Niveles adecuados de vitamina D son importantes no sólo para protección contra el raquitismo, la osteomalacia u osteoporosis, sino también para la protección contra varios tipos de cáncer (cáncer de mamas, colon y próstata); enfermedades autoinmunes (artritis reumatoide, lupus eritematoso sistémico, esclerosis múltiple); enfermedades cardiovasculares y ciertas infecciones microbianas como la tuberculosis.

Los pacientes mayores mueren en más del 90% de los casos de cáncer de próstata, mama, pulmón o colon.

 

Todos estos cánceres son muy sensibles a la vitamina D y se reducen notablemente si tenemos una ingesta adecuada de ella, siempre que se asocie a pequeñas exposiciones a los rayos UVA. Sin embargo, menos de 0.5% de las muertes en la tercera edad son por cáncer de piel.
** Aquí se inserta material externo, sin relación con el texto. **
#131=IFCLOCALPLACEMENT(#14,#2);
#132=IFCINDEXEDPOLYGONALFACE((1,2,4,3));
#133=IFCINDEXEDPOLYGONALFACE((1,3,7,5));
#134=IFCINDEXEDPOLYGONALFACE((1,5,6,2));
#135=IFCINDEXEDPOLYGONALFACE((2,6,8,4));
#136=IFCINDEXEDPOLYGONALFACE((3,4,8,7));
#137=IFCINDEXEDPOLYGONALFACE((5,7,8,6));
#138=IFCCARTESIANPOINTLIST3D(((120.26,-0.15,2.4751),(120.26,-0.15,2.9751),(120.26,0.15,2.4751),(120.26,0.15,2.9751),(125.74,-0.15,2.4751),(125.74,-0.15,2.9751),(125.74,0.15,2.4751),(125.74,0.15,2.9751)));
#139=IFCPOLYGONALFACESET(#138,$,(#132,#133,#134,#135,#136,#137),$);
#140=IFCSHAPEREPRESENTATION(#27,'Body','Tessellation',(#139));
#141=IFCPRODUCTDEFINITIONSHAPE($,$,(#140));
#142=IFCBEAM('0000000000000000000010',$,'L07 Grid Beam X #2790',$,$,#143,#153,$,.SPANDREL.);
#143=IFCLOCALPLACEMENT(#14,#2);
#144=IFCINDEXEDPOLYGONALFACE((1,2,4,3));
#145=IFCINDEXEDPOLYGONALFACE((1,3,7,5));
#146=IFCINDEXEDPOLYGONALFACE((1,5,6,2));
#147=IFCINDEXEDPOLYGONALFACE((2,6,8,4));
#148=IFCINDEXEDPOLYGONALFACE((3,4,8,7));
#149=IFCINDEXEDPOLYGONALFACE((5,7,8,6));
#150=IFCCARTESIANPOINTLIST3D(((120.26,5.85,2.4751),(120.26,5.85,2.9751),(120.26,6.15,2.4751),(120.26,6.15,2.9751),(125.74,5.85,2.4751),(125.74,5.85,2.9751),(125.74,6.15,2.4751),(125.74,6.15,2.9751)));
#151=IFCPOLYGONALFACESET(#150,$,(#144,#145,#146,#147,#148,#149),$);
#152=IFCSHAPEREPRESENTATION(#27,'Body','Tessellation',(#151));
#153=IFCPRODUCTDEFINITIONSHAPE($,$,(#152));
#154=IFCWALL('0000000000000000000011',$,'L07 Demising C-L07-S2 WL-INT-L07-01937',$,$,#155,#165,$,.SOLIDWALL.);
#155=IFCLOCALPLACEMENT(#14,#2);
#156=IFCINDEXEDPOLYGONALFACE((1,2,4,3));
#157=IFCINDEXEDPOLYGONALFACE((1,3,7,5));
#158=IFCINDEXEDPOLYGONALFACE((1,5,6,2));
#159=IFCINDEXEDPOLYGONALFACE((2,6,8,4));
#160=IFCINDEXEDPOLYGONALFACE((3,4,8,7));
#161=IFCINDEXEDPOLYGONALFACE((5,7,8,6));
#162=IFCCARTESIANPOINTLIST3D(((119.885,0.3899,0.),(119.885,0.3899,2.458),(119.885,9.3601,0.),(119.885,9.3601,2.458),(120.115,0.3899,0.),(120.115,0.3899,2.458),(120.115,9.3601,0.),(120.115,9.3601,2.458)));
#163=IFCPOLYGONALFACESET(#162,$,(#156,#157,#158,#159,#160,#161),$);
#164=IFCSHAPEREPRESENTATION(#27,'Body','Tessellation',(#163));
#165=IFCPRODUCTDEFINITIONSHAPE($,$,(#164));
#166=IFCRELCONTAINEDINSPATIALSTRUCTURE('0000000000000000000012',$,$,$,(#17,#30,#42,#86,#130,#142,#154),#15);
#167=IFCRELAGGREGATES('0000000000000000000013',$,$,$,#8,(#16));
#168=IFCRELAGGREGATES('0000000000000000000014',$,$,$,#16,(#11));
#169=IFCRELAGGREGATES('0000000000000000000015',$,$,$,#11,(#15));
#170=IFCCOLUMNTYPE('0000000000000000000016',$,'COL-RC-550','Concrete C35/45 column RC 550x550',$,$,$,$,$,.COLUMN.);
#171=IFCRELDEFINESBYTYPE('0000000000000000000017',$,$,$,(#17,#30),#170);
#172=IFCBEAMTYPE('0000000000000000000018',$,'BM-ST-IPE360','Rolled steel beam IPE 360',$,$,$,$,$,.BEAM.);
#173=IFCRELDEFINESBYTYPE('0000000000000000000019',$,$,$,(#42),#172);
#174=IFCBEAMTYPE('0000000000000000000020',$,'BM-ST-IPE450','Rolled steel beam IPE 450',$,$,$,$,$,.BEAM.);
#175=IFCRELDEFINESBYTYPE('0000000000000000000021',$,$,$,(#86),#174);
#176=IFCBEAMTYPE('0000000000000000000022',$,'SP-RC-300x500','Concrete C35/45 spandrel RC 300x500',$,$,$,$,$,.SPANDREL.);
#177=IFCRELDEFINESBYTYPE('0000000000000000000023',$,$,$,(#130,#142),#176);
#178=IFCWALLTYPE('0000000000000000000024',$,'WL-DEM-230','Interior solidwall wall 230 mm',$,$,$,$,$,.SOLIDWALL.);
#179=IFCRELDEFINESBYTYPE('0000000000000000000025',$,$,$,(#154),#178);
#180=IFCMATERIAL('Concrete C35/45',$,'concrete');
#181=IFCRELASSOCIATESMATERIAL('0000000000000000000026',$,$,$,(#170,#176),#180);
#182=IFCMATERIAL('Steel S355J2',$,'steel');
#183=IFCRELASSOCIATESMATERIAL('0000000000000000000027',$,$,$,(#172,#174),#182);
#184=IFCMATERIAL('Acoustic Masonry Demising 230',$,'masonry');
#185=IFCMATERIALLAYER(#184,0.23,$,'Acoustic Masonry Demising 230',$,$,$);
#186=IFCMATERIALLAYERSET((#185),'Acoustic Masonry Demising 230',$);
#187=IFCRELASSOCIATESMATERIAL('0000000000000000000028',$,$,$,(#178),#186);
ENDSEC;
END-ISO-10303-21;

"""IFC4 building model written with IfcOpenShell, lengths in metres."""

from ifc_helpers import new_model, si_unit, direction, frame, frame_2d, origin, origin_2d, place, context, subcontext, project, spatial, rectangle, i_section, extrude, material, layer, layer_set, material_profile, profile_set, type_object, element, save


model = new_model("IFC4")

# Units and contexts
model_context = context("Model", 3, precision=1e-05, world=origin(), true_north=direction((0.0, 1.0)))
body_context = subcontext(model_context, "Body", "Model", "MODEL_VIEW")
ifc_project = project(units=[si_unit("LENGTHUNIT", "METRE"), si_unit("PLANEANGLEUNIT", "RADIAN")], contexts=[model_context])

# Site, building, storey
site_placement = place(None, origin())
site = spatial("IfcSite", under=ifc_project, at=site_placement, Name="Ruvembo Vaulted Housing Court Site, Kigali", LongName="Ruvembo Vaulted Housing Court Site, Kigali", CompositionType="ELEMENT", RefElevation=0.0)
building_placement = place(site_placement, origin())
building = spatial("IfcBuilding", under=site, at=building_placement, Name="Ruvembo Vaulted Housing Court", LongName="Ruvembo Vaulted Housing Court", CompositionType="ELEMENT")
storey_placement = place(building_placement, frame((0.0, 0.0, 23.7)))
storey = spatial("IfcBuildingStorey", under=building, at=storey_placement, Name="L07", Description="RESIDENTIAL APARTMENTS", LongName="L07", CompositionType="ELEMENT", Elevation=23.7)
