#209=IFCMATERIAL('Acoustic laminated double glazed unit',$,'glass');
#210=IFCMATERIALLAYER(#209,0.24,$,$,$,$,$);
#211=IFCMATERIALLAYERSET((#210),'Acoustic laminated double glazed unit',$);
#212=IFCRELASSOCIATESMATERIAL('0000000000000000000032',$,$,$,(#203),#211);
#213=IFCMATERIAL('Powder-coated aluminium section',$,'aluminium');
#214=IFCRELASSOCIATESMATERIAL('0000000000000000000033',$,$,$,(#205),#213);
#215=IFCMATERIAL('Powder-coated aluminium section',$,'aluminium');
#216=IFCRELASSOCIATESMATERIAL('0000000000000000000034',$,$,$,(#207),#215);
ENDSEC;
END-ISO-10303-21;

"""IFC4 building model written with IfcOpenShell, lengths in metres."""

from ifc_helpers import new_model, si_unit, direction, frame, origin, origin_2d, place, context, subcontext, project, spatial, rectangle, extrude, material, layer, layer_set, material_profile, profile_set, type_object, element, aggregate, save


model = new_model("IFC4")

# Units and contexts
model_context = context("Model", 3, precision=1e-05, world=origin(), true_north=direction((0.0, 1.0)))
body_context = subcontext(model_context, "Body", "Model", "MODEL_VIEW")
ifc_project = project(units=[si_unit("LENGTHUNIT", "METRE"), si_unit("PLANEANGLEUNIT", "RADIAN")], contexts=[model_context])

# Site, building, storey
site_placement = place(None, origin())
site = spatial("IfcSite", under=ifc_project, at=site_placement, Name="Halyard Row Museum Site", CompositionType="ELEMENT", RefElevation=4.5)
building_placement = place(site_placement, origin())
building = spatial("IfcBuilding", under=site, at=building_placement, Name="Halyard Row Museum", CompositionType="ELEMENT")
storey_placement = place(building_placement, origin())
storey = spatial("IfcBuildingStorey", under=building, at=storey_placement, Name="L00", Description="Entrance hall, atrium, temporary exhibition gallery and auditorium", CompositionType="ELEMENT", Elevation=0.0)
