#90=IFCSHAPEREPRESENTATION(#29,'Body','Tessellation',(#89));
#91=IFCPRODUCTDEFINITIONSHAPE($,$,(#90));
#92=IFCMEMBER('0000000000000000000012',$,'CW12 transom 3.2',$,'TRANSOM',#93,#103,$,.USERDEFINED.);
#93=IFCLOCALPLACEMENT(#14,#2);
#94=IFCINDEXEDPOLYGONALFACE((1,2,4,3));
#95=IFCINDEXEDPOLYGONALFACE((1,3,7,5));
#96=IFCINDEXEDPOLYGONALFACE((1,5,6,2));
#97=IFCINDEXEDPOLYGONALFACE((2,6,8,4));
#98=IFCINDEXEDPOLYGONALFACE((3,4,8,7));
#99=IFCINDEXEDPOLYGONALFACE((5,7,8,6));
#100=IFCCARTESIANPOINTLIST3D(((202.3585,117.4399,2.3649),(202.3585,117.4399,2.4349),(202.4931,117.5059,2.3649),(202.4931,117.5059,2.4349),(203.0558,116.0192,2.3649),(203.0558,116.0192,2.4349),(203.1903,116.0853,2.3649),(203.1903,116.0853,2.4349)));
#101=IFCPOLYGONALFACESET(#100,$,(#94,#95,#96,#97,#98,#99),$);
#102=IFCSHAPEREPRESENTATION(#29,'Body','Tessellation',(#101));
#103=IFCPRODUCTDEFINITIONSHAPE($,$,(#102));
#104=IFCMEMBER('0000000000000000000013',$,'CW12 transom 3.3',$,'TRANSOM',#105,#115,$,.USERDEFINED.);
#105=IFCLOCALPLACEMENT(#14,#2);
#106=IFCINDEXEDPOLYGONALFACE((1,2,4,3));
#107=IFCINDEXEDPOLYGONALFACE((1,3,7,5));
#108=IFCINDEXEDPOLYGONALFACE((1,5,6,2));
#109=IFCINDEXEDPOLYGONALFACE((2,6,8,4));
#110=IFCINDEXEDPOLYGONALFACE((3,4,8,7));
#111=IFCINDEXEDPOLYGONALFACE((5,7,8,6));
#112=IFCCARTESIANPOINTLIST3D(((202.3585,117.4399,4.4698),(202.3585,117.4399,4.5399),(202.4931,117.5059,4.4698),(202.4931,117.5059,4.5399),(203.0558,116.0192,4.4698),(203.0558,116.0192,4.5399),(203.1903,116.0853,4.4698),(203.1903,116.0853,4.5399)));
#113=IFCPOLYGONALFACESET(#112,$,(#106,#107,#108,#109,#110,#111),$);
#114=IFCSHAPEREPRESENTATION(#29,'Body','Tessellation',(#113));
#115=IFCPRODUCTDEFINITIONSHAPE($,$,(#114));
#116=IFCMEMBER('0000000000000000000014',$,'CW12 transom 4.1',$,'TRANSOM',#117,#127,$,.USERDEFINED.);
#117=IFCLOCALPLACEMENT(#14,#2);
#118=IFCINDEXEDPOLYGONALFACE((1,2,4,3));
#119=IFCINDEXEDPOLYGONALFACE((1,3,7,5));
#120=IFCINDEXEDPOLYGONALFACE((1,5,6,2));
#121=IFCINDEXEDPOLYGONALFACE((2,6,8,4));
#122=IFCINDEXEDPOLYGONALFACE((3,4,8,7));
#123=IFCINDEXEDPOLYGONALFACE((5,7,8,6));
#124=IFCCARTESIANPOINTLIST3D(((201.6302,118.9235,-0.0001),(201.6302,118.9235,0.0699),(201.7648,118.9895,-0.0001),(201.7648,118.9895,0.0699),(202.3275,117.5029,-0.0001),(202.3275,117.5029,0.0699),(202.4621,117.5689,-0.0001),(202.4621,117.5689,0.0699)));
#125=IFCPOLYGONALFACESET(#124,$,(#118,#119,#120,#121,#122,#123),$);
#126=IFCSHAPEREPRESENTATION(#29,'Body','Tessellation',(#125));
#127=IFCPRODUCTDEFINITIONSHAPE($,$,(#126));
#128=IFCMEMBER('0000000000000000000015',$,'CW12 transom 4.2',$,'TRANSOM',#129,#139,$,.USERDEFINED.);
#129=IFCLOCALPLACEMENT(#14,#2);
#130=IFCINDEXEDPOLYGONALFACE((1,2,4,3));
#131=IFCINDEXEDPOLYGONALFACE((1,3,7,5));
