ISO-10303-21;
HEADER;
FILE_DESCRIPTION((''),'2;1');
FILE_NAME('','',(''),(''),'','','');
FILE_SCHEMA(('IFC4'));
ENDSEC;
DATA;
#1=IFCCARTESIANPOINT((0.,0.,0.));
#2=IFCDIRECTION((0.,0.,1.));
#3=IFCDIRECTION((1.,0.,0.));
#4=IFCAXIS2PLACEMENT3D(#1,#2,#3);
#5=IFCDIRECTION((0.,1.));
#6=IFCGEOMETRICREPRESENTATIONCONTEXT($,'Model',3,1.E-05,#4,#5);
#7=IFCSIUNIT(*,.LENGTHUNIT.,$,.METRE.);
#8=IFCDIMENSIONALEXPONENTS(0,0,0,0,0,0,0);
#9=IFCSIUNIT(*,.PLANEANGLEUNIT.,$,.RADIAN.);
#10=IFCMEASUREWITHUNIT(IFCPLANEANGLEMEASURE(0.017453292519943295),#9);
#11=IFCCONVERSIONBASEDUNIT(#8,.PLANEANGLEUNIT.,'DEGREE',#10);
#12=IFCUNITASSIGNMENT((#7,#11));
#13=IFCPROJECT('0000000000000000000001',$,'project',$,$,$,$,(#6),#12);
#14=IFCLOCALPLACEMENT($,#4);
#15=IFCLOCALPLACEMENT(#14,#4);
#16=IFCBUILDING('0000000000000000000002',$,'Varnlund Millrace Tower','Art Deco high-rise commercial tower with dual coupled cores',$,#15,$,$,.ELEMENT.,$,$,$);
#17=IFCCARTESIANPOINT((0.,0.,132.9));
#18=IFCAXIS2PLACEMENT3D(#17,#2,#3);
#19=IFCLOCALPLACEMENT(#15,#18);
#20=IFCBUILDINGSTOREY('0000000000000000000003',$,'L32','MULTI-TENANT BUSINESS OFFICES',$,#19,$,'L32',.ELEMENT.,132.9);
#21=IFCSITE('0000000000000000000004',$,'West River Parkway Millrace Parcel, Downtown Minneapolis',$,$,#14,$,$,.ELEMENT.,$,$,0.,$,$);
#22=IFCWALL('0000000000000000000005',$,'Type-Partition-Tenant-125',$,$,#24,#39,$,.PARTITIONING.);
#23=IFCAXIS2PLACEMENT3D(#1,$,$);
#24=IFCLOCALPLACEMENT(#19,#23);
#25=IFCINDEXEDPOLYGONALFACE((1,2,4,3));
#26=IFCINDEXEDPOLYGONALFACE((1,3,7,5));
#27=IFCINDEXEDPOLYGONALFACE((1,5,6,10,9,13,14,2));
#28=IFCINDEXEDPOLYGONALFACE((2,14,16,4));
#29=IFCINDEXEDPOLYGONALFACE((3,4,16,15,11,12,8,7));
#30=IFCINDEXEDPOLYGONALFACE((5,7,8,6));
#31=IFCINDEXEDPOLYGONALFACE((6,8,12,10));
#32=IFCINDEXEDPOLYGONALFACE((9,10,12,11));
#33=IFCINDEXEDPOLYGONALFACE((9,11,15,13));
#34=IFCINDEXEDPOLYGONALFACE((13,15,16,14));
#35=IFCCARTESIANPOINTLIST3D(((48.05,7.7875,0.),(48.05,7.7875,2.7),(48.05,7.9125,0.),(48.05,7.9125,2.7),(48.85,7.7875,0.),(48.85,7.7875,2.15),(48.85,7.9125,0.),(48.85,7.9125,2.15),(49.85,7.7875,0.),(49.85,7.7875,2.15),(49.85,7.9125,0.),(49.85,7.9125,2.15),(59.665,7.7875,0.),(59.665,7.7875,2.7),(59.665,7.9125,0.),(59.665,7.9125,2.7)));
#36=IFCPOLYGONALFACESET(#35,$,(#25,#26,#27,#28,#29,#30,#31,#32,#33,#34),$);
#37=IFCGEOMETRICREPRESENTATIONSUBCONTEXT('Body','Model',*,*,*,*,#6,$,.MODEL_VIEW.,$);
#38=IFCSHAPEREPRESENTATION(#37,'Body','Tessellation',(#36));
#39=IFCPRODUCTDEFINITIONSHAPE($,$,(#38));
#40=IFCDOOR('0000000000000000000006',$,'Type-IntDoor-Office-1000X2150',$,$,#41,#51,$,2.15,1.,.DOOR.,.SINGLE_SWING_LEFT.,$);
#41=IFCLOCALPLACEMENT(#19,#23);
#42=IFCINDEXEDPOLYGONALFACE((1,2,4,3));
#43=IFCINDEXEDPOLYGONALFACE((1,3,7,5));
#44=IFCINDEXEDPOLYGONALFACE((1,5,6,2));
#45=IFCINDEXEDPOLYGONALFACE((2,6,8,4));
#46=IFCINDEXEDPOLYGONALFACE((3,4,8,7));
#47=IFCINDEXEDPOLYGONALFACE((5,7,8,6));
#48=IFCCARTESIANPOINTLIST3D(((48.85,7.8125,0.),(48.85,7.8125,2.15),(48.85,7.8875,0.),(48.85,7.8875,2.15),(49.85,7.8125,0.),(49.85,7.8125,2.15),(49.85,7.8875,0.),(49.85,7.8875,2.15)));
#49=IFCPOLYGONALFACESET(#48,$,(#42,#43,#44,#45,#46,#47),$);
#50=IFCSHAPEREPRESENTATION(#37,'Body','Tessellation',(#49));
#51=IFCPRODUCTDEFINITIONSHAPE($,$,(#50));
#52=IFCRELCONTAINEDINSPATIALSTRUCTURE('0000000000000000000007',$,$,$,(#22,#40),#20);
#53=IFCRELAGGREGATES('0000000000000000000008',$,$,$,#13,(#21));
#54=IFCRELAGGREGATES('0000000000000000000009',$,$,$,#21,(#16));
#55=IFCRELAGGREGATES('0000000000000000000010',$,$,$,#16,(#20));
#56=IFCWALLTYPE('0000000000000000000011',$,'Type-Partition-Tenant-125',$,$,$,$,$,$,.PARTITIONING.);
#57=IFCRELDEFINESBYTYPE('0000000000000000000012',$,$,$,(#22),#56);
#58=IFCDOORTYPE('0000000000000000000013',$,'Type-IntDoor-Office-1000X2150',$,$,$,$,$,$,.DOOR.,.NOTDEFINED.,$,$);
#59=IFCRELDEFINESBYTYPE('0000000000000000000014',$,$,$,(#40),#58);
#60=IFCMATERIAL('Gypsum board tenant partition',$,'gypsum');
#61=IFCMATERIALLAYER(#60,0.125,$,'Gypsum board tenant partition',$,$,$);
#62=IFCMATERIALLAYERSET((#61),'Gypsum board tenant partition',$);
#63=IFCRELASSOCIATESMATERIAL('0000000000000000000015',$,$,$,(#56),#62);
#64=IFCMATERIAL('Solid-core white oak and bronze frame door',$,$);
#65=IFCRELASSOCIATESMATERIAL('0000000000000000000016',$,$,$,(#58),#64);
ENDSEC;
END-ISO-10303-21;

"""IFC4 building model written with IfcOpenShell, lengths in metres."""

from ifc_helpers import new_model, entity, si_unit, converted_unit, direction, frame, origin_with_axes, origin_2d_with_axis, place, context, subcontext, project, spatial, polyline, rectangle, outline, extrude, material, layer, layer_set, type_object, element, fill, save


model = new_model("IFC4")

# Units and contexts
model_context = context("Model", 3, precision=1e-05, world=origin_with_axes(), true_north=direction((0.0, 1.0)))
body_context = subcontext(model_context, "Body", "Model", "MODEL_VIEW")
ifc_project = project(units=[si_unit("LENGTHUNIT", "METRE"), converted_unit("PLANEANGLEUNIT", "DEGREE", entity("IfcPlaneAngleMeasure", 0.017453292519943295), si_unit("PLANEANGLEUNIT", "RADIAN"), dimensions=[0, 0, 0, 0, 0, 0, 0])], contexts=[model_context])

# Site, building, storey
site_placement = place(None, origin_with_axes())
site = spatial("IfcSite", under=ifc_project, at=site_placement, Name="West River Parkway Millrace Parcel, Downtown Minneapolis", CompositionType="ELEMENT", RefElevation=0.0)
building_placement = place(site_placement, origin_with_axes())
building = spatial("IfcBuilding", under=site, at=building_placement, Name="Varnlund Millrace Tower", Description="Art Deco high-rise commercial tower with dual coupled cores", CompositionType="ELEMENT")
storey_placement = place(building_placement, frame((0.0, 0.0, 132.9), z_axis=(0.0, 0.0, 1.0), x_axis=(1.0, 0.0, 0.0)))
storey = spatial("IfcBuildingStorey", under=building, at=storey_placement, Name="L32", Description="MULTI-TENANT BUSINESS OFFICES", LongName="L32", CompositionType="ELEMENT", Elevation=132.9)

# Wall, opening, door
ifc_material_1 = material(Name="Gypsum board tenant partition", Category="gypsum")
ifc_layer_1 = layer(ifc_material_1, 0.125, Name="Gypsum board tenant partition")
ifc_layer_set_1 = layer_set([ifc_layer_1], Name="Gypsum board tenant partition")
wall_type_1 = type_object("IfcWallType", Name="Type-Partition-Tenant-125", PredefinedType="PARTITIONING", material=ifc_layer_set_1)
wall_1_placement = place(storey_placement, frame((59.665, 7.85, 0.0), z_axis=(0.0, 0.0, 1.0), x_axis=(-1.0, 0.0, 0.0)))
wall_1 = element("IfcWall", 1, at=wall_1_placement, inside=storey, type_object=wall_type_1, Name="Type-Partition-Tenant-125", PredefinedType="PARTITIONING", context=body_context, shape_type="SweptSolid", body=[
    extrude(outline(polyline([(0.0, -0.0625), (11.615, -0.0625), (11.615, 0.0625), (0.0, 0.0625), (0.0, -0.0625)])), origin_with_axes(), (0.0, 0.0, 1.0), 2.7),
])
opening_1_placement = place(wall_1_placement, frame((10.315, 0.0, 0.0), z_axis=(0.0, 0.0, 1.0), x_axis=(1.0, 0.0, 0.0)))
opening_1 = element("IfcOpeningElement", 2, at=opening_1_placement, cuts=wall_1, PredefinedType="OPENING", context=body_context, shape_type="SweptSolid", body=[
    extrude(rectangle(XDim=1.0, YDim=0.145, at=origin_2d_with_axis()), origin_with_axes(), (0.0, 0.0, 1.0), 2.15),
])
ifc_material_2 = material(Name="Solid-core white oak and bronze frame door")
door_type = type_object("IfcDoorType", Name="Type-IntDoor-Office-1000X2150", OperationType="NOTDEFINED", PredefinedType="DOOR", material=ifc_material_2)
door_placement = place(wall_1_placement, frame((10.315, 0.0, 0.0), z_axis=(0.0, 0.0, 1.0), x_axis=(1.0, 0.0, 0.0)))
door = element("IfcDoor", 3, at=door_placement, inside=storey, type_object=door_type, Name="Type-IntDoor-Office-1000X2150", OperationType="SINGLE_SWING_LEFT", OverallHeight=2.15, OverallWidth=1.0, PredefinedType="DOOR", context=body_context, shape_type="SweptSolid", body=[
    extrude(rectangle(XDim=1.0, YDim=0.075, at=origin_2d_with_axis()), origin_with_axes(), (0.0, 0.0, 1.0), 2.15),
])
fill(opening_1, door)

save(model, "model.ifc")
Lo deseable sería: asegurarse de que nuestros ancianos tengan una ingesta adecuada de pro-vitamina D mediante la alimentación. y si no fuera así, dar suplementos orales diarios, reduciéndose así la probabilidad del cáncer visceral; asegurarse una fotoprotección solar adecuada pero no estricta, de manera de puedan recibir en la piel rayos UVA al menos 10 minutos a la semana, en cara, brazos y piernas, reduciéndose de esta manera el cáncer cutáneo sin inhibir a la vitamina D.

Además, hay que tener en cuenta que el futuro de la fotoprotección, no es tópico, sino oral. En la actualidad se está estudiando estimular la hormona MSH.